Google LLC, Mountain View, CA.
MND Association, Northampton, United Kingdom.
J Speech Lang Hear Res. 2024 Nov 7;67(11):4176-4185. doi: 10.1044/2024_JSLHR-24-00045. Epub 2024 Jul 4.
This study examines the effectiveness of automatic speech recognition (ASR) for individuals with speech disorders, addressing the gap in performance between read and conversational ASR. We analyze the factors influencing this disparity and the effect of speech mode-specific training on ASR accuracy.
Recordings of read and conversational speech from 27 individuals with various speech disorders were analyzed using both (a) one speaker-independent ASR system trained and optimized for typical speech and (b) multiple ASR models that were personalized to the speech of the participants with disordered speech. Word error rates were calculated for each speech model, read versus conversational, and subject. Linear mixed-effects models were used to assess the impact of speech mode and disorder severity on ASR accuracy. We investigated nine variables, classified as technical, linguistic, or speech impairment factors, for their potential influence on the performance gap.

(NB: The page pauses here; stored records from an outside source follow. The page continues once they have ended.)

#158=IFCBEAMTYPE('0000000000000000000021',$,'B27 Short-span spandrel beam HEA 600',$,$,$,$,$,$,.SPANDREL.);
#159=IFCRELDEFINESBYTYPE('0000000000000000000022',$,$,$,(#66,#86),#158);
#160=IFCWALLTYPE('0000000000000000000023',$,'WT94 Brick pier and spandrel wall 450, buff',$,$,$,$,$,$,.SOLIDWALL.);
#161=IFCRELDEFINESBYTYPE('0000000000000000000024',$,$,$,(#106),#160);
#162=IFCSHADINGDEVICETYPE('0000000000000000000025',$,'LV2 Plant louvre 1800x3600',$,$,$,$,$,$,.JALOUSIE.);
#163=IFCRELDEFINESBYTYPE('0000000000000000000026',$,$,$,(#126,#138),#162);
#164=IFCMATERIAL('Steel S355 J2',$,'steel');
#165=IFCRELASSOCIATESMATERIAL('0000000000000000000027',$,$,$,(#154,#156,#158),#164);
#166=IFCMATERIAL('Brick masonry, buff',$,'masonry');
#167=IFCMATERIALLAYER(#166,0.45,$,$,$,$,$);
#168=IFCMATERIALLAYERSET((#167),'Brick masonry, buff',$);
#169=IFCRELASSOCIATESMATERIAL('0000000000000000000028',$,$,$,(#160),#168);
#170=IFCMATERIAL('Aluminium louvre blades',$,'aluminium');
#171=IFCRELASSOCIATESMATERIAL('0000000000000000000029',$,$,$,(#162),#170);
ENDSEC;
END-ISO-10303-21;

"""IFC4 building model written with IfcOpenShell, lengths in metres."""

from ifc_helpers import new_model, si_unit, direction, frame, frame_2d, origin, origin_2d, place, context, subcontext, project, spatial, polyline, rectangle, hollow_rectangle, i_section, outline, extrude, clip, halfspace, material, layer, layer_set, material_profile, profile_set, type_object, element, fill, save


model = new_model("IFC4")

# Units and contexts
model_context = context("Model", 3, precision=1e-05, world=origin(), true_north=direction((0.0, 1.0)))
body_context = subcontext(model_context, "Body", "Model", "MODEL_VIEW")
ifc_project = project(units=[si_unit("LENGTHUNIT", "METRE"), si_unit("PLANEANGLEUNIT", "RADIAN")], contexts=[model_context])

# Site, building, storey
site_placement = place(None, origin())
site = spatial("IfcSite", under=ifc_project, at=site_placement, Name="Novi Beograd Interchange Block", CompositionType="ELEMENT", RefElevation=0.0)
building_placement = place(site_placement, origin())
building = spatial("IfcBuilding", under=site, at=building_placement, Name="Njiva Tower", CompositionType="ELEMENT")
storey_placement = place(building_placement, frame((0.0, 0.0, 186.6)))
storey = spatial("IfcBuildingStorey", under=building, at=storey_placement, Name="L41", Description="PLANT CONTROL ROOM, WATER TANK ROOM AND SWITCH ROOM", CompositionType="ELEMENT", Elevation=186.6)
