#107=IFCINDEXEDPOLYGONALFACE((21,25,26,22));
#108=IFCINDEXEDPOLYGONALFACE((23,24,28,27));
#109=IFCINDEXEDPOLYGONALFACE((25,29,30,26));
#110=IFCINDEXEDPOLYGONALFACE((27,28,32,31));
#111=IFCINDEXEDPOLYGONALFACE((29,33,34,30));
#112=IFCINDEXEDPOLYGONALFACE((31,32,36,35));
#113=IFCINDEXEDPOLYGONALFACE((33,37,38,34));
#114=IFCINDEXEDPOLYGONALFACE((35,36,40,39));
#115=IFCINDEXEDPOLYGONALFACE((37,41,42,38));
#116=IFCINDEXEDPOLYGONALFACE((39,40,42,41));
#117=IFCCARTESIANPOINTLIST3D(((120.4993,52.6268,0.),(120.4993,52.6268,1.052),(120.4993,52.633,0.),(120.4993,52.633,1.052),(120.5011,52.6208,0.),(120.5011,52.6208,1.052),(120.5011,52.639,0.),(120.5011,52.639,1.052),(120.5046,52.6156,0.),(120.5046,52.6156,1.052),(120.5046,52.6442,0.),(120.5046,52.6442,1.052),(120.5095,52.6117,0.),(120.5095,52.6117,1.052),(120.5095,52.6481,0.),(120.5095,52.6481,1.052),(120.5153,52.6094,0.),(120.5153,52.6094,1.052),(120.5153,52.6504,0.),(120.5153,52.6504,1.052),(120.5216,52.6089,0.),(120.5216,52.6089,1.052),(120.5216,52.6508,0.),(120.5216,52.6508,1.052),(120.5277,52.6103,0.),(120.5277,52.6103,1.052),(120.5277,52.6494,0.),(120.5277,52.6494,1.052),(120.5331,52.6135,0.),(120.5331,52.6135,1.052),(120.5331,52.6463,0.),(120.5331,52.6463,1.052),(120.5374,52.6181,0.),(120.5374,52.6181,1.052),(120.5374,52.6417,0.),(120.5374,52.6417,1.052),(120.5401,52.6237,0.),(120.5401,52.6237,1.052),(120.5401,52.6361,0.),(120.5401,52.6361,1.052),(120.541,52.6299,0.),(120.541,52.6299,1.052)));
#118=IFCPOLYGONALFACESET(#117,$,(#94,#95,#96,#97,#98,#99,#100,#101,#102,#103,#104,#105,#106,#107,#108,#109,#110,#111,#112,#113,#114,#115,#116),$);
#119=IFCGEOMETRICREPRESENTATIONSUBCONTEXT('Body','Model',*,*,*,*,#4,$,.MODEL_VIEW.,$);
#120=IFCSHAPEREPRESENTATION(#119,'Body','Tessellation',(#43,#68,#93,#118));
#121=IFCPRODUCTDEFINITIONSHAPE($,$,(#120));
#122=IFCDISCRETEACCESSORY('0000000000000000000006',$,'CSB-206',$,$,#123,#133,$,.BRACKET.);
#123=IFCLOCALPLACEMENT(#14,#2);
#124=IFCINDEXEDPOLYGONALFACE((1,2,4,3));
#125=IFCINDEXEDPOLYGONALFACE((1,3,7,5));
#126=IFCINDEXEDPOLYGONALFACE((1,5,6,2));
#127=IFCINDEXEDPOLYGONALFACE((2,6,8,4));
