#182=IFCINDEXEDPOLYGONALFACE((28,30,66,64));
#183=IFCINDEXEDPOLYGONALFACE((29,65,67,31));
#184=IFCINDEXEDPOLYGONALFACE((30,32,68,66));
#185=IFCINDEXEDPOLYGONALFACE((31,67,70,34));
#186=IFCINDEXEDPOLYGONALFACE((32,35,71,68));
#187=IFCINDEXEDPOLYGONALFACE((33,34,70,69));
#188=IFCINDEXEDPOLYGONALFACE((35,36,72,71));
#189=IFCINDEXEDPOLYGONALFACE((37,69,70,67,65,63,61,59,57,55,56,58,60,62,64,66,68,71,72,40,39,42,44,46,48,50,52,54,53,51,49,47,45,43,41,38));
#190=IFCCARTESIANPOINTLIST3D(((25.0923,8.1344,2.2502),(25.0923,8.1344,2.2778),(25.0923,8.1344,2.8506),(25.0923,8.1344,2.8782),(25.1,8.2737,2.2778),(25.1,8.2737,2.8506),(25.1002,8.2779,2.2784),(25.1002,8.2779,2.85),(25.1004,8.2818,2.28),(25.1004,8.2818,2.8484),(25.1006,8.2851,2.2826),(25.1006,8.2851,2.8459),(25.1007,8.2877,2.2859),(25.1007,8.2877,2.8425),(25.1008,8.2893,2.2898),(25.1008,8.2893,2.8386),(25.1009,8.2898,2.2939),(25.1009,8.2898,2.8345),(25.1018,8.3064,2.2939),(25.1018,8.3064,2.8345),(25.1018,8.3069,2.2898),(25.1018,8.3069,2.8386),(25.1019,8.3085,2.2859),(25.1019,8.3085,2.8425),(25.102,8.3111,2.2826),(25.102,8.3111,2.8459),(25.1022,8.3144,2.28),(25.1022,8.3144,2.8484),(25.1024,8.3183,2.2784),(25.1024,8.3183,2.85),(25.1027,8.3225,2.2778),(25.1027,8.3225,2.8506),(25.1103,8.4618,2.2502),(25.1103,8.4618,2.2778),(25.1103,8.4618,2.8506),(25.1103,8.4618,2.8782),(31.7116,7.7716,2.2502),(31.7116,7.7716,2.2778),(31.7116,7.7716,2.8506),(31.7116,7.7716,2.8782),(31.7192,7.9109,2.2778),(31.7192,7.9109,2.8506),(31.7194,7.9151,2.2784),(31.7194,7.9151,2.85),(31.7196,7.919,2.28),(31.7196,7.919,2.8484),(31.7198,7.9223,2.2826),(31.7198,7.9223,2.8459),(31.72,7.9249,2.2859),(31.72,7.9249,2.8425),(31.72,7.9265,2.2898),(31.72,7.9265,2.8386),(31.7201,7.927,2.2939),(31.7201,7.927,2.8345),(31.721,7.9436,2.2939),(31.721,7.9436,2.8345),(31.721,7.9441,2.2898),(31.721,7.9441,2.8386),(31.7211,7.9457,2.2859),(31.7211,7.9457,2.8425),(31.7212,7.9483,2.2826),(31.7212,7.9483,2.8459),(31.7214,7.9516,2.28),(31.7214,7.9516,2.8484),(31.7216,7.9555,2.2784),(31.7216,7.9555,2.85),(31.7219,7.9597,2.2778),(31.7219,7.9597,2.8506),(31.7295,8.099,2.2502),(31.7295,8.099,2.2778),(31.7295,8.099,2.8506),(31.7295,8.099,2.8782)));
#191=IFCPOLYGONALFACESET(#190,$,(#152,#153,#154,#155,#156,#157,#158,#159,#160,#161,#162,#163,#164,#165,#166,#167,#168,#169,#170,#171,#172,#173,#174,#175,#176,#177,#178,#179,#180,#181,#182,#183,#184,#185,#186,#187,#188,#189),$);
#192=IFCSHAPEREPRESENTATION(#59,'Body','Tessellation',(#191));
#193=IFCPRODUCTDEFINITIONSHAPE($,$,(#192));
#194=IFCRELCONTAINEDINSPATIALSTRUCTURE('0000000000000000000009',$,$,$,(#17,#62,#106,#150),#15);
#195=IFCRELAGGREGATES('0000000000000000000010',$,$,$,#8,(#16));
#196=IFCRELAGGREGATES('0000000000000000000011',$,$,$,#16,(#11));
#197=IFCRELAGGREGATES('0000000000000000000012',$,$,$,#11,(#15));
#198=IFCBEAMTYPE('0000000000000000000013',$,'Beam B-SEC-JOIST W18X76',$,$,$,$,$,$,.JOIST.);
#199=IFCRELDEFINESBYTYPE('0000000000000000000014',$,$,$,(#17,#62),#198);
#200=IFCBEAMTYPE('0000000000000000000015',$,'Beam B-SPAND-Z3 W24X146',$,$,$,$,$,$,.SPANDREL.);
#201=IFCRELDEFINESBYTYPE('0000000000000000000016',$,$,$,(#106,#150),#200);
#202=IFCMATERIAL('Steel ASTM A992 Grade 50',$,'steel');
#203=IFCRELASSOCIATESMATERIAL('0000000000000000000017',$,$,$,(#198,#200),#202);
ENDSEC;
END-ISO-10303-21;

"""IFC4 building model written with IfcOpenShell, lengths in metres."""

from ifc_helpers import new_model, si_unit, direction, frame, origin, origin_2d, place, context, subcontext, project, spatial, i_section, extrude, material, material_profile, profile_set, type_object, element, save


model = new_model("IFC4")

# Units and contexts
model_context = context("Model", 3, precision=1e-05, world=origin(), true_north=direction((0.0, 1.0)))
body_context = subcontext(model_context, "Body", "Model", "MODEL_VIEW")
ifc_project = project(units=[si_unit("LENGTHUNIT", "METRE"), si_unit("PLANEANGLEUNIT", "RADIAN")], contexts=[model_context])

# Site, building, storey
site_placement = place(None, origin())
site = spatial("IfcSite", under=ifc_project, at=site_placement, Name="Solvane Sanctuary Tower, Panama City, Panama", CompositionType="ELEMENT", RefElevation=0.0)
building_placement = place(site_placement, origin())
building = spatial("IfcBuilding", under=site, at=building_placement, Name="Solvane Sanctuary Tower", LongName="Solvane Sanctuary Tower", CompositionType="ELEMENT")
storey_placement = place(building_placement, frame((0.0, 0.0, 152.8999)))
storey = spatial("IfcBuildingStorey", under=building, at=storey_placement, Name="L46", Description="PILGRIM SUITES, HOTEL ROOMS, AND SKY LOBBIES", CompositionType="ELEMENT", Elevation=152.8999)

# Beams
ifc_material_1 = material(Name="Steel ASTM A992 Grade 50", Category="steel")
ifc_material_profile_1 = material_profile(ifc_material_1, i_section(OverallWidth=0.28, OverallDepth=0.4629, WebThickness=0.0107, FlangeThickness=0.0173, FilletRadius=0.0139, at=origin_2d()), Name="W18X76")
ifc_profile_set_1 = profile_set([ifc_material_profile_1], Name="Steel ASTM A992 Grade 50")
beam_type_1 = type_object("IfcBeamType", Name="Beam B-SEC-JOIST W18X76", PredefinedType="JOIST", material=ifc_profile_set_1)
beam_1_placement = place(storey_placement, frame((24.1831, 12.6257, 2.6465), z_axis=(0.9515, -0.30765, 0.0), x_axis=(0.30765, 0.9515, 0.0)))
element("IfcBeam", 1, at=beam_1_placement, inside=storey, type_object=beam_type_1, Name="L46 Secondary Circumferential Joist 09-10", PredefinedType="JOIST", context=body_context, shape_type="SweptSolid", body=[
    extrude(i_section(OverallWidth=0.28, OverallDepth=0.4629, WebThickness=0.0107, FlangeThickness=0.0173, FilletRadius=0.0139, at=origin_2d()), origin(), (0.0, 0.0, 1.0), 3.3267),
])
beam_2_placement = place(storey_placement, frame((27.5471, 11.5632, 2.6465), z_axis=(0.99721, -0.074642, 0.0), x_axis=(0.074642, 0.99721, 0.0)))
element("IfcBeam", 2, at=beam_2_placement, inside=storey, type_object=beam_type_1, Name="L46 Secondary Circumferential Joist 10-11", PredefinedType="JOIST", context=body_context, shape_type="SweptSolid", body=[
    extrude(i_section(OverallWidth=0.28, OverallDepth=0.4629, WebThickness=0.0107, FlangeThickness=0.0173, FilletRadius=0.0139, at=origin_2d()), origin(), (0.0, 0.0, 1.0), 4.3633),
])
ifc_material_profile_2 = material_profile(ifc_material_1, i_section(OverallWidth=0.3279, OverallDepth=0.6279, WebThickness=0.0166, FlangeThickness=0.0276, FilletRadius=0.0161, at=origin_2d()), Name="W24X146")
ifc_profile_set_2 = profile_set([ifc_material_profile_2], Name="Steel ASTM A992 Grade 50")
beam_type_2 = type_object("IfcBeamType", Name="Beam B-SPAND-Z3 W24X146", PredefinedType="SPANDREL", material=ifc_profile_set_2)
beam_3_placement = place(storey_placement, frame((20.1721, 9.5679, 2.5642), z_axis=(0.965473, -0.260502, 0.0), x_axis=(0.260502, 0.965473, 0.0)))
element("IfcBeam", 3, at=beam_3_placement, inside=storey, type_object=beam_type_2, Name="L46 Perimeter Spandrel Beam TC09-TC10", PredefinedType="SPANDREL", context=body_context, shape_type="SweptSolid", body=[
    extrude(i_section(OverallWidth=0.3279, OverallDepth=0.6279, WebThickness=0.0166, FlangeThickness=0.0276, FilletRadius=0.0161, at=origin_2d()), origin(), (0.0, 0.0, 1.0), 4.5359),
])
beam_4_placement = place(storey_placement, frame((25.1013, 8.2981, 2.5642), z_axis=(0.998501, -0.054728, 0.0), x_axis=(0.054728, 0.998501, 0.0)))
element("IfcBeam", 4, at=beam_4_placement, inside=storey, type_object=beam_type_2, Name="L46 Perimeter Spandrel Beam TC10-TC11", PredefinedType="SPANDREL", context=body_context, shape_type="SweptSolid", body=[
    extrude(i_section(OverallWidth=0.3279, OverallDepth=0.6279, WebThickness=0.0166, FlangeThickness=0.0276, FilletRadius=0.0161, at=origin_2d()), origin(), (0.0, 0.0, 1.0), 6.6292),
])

We found a significant performance gap between read and conversational speech in both personalized and unadapted ASR models. Speech impairment severity notably impacted recognition accuracy in unadapted models for both speech modes and in personalized models for read speech. Linguistic attributes of utterances were the most influential on accuracy, though atypical speech characteristics also played a role. Including conversational speech samples in model training notably improved recognition accuracy.
We observed a significant performance gap in ASR accuracy between read and conversational speech for individuals with speech disorders. This gap was largely due to the linguistic complexity and unique characteristics of speech disorders in conversational speech. Training personalized ASR models using conversational speech significantly improved recognition accuracy, demonstrating the importance of domain-specific training and highlighting the need for further research into ASR systems capable of handling disordered conversational speech effectively.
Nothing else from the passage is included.